Elizabeth Bennett, a protagonista, conserva a língua afiada assim
como suas espadas e adagas. Treinada por um mestre de shaolin, ela é uma
emérita matadora de zumbis e de quem mais a ofenda. Tanto que, quando conhece
o arrogante Mr. Darcy e ele a esnoba num baile, cogita decapitá-lo. Acaba
esquecendo a ideia porque os convivas são atacados por uma horda repelente
e ela tem de ir à luta. "Planejar como inserir os zumbis na história
foi um trabalho penoso. Já escrever as cenas foi a coisa mais deliciosa
que fiz", disse a VEJA Grahame-Smith. Não deve ser força de
expressão: algumas passagens, como aquela em que a feiosa Mrs. Collins,
em plena metamorfose, tenta acertar a direção das colheradas de
sopa enquanto sonha em mastigar cérebros, são uma mescla tão
bem urdida do linguajar de Jane Austen com o humor pop contemporâneo que
dá vontade, a qualquer um, de tê-las escrito. E de lê-las:
em uma acolhida que não poderia ser calculada, Orgulho e Preconceito
e Zumbis chegou ao terceiro posto na lista de livros mais vendidos do jornal The New York Times.

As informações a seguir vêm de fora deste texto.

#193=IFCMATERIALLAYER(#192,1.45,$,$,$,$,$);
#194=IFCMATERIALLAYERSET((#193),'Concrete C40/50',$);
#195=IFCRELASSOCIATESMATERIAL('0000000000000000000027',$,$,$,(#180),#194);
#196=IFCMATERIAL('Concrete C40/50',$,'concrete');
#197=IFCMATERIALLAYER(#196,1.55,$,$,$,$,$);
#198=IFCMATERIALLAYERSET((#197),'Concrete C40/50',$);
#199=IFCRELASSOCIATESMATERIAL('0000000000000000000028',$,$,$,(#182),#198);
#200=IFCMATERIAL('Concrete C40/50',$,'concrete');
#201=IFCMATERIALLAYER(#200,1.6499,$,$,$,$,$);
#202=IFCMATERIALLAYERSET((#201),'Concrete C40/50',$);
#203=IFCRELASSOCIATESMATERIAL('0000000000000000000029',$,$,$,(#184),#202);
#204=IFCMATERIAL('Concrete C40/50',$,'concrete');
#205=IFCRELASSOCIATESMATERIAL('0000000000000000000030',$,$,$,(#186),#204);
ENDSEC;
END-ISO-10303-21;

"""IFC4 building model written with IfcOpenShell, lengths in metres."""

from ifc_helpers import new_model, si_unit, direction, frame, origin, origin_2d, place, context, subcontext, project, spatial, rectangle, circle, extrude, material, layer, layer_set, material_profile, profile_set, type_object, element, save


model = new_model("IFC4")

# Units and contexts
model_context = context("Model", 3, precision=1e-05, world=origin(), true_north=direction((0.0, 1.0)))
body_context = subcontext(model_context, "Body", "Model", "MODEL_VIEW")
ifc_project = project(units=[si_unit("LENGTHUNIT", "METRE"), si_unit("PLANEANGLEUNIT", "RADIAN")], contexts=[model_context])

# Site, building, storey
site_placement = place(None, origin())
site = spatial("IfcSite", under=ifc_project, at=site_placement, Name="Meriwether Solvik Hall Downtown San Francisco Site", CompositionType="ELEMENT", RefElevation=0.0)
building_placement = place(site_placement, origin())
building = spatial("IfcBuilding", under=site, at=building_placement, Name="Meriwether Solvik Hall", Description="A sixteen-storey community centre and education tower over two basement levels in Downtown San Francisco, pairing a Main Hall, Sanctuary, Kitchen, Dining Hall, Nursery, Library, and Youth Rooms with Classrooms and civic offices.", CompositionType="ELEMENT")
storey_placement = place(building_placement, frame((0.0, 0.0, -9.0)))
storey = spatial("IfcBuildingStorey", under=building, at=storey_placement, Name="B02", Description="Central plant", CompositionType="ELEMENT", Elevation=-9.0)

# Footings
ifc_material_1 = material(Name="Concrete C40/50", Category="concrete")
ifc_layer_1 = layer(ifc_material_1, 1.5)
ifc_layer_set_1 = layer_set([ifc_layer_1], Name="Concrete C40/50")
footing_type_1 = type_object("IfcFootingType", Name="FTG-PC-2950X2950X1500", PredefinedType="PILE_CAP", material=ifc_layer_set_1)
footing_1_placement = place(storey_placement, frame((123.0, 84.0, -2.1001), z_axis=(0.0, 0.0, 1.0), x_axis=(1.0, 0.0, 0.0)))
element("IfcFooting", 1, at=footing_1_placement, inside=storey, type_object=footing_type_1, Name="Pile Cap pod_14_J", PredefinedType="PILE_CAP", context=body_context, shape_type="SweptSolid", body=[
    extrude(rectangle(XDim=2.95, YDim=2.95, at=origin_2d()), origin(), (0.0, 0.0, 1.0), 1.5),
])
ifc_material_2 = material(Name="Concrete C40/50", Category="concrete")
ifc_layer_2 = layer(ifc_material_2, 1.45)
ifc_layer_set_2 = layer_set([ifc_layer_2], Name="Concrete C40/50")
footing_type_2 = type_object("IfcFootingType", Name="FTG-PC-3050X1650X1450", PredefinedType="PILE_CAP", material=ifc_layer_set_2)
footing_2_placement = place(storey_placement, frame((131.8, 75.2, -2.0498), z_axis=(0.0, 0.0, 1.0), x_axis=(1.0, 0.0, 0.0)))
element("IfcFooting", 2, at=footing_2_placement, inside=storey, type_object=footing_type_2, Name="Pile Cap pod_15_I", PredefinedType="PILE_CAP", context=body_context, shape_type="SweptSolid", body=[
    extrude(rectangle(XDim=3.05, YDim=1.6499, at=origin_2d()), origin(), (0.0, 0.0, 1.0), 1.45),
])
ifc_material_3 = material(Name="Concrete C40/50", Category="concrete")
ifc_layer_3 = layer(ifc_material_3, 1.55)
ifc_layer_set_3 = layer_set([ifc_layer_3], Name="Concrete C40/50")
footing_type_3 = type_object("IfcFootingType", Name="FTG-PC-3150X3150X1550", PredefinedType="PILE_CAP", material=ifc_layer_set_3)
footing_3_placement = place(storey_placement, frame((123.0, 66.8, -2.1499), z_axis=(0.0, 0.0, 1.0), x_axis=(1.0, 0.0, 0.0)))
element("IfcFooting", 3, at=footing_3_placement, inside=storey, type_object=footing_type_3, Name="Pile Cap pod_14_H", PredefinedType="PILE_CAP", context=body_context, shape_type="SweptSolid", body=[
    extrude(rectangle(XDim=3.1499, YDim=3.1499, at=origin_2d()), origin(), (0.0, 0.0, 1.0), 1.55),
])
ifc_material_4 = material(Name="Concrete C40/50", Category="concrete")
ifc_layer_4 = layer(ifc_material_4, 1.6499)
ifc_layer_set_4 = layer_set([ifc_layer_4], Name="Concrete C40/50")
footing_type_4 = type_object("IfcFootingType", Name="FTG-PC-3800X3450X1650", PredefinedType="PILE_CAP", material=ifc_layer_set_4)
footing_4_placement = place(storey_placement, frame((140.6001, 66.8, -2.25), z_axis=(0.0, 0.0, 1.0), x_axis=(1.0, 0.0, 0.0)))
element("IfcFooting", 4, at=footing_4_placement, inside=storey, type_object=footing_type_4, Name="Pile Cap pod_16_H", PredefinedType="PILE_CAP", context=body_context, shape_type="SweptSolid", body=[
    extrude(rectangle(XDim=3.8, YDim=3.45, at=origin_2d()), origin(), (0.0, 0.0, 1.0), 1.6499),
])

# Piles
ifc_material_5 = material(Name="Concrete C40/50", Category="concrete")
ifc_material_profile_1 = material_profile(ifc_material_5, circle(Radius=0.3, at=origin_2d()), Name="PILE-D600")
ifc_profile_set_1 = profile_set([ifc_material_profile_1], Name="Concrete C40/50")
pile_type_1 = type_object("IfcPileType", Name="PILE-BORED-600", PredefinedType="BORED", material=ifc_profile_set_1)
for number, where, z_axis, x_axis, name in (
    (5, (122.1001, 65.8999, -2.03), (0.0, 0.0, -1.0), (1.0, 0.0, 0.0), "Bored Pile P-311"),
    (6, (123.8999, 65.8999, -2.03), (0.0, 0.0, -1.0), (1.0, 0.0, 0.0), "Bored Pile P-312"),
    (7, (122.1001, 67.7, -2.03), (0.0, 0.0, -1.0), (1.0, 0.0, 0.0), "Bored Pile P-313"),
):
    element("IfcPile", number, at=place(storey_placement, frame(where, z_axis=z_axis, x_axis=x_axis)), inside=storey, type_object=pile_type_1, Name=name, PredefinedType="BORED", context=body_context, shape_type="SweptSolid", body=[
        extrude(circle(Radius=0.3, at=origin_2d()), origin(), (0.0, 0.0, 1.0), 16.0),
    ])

Jane Austen é hoje uma marca extremamente rentável. Além de um sem-número de filmes declaradamente ou não adaptados de seus romances, há centenas de títulos que se aproveitam de seus personagens e histórias. Orgulho e Preconceito e Zumbis, porém, inaugurou uma nova tendência: o mash-up classic, ou "clássico mistureba", em tradução livre. A mesma editora americana, a Quirk Books, lançou Razão e Sensibilidade e Monstros Marinhos; outras empresas embarcaram na onda com títulos que combinam, sobretudo, Jane a vampiros. Como o filão vem rendendo ouro, muitos outros clássicos devem ganhar versões assim dadaístas. Jane talvez se sentisse insultada com essa carinhosa bagunça com seu trabalho tão laboriosamente escrito e reescrito. Ou talvez não. A imitação (e eventual mutilação) é a maior homenagem que se pode prestar a um artista e nem orgulho nem senso de humor lhe faltavam. Ao contrário do preconceito, que ela só alimentava para com pessoas aborrecidas, mesquinhas ou, que gafe, sem imaginação.